Comme il l’a été signalé, l’exposition n’est centrée sur aucun thème précis, hormis l’ambition de présenter « le panorama le plus signifiant de la création africaine d’aujourd’hui ». L’absence de fil conducteur, ainsi que le caractère disparate des œuvres a fait dire qu’une telle exposition ne pouvait, à elle seule, être représentative de tout le continent. Ceci, les commissaires ont montré en avoir pleinement conscience à la conférence de presse. Njami ne declarait-il pas à plusieurs reprises: « Je ne sais pas ce que c’est que l’Afrique. Expliquez-moi ce que c’est que l’Afrique! » De même, ils ont choisi d’adopter une définition ouverte de « l’Afrique ». « Luanda Pop », fraction du titre choyée par le collectionneur, est d’ailleurs « une métaphore pour nommer cette soif de s’inscrire dans le monde. Il ne s’agit pas, écrit Njami, de circonscrire ce mouvement dans une géographie particulière ».

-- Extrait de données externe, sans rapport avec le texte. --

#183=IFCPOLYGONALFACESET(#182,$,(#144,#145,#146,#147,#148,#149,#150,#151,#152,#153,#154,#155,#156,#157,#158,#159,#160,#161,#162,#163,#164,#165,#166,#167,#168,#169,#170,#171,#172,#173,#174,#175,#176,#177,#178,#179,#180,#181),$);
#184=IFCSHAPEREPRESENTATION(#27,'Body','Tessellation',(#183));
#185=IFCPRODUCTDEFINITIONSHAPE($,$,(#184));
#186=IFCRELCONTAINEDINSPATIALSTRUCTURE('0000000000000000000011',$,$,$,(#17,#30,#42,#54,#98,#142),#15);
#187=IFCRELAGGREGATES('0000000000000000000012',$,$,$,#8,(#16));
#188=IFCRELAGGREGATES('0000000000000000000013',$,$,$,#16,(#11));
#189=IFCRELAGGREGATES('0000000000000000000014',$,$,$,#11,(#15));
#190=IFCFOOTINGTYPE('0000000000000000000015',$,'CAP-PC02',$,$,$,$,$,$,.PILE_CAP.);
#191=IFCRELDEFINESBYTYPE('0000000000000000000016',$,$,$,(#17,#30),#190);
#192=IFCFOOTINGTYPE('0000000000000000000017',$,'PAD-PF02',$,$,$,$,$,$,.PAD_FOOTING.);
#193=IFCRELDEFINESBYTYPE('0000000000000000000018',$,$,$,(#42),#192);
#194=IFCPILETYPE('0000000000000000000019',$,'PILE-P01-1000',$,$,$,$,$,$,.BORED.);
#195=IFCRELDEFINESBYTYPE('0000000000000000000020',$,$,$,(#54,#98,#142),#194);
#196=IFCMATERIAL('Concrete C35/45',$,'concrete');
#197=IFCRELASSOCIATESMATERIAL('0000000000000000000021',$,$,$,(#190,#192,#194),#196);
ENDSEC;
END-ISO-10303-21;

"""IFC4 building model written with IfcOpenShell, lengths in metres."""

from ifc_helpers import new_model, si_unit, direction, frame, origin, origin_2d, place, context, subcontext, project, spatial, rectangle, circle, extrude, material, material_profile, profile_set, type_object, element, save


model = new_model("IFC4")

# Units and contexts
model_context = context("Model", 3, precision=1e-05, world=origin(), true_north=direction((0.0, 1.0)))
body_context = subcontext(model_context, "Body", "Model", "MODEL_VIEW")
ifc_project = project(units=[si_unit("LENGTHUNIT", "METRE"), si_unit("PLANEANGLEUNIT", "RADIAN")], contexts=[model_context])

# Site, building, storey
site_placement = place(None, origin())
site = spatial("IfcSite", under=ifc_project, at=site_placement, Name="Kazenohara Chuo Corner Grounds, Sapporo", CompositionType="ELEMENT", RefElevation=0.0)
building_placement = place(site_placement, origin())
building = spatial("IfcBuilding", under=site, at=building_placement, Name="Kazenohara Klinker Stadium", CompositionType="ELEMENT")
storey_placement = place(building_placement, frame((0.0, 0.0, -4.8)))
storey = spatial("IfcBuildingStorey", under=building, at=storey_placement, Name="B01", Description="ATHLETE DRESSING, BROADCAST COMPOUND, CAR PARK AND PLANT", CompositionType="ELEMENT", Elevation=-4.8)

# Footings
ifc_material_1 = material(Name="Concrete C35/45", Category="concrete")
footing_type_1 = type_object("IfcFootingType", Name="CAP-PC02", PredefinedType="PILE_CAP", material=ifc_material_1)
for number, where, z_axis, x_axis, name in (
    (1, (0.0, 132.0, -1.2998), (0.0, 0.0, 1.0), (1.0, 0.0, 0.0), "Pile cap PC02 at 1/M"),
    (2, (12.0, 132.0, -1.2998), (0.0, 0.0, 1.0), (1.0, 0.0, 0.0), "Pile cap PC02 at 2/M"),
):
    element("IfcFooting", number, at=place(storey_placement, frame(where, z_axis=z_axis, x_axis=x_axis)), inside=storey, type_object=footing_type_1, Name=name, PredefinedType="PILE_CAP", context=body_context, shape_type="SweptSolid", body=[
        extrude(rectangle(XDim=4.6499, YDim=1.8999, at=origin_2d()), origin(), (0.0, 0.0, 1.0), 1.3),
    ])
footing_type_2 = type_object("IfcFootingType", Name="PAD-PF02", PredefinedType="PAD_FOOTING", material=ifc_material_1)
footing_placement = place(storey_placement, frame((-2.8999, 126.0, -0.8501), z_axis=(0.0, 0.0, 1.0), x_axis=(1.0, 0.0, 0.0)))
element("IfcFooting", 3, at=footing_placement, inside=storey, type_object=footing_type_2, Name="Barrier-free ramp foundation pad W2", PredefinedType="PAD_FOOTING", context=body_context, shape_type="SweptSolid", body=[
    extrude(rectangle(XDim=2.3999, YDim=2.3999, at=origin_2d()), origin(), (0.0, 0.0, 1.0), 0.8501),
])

C’est ainsi que se justifie la présence d’un Basquiat, figure emblématique de la scène new-yorkaise des années 80, et de son mentor, Andy Warhol, dont la lithographie Mohammad Ali (1978), à l’interstice du portrait et du miroir, symbolise à la fois la fierté de la diaspora noire tout en évoquant une identité africaine définie au-delà des limites d’un continent. Mais à défaut de contextualisation, cette interprétation fut difficilement perçue. D’aucuns furent peu convaincus par l’inclusion de ces deux artistes dont la présence a été vue comme une intention de valoriser plus encore la collection Dokolo.
Lors de la présentation du pavillon, Olivier Sultan, directeur du Musée des Arts Derniers, a très justement remarqué la prédominance des artistes angolais. Il est vrai que, s’il est un nouveau regard sur le monde, celui-ci est porté au travers d’une perspective angolaise. Et, alors que s’étiole le concept de pavillon national, cette dernière constitue la trame la plus cohérente de l’exposition. L’Angola, au sortir de près de trente ans de guerre civile (1974-2002), reconstruit tant son infrastructure et que ses ressources culturelles. Et, les jeunes angolais présentés dans le Pavillon Africain, jouent un rôle majeur dans ce nouvel élan intellectuel. Ils se nomment Ihosvanny, Kiluanji Kia Henda, Nastio Mosquito, Ndilo Mutima, Yonamine, et explorent le vaste champ créatif offert par les nouvelles technologies. Leurs travaux font renaître certaines des disciplines détruites la par guerre. Il s’agit, entre autres, du septième art avec The Best of the Best (2007), installation de Yonamine constituée d’affiches de films; et du théâtre avec Manjoras (2006) de Ndilo Mutima, photographies d’une répétition de la pièce du même nom, créée par le dramaturge angolais Rogério de Carvalho. Ces œuvres font appel à divers registres culturels – linguistiques, littéraires, historiques – qu’il aurait été pertinent de mettre en lumière. Ceci d’autant que sur trois interventions publiques (le symposium Black Aesthetic organisé par David A. Bailey le 7 juin, la conférence de presse du 8 juin et la présentation du pavillon le 9 juin), il fut regrettable qu’aucun des artistes du Pavillon Africain n’ait été invité à parler de son art.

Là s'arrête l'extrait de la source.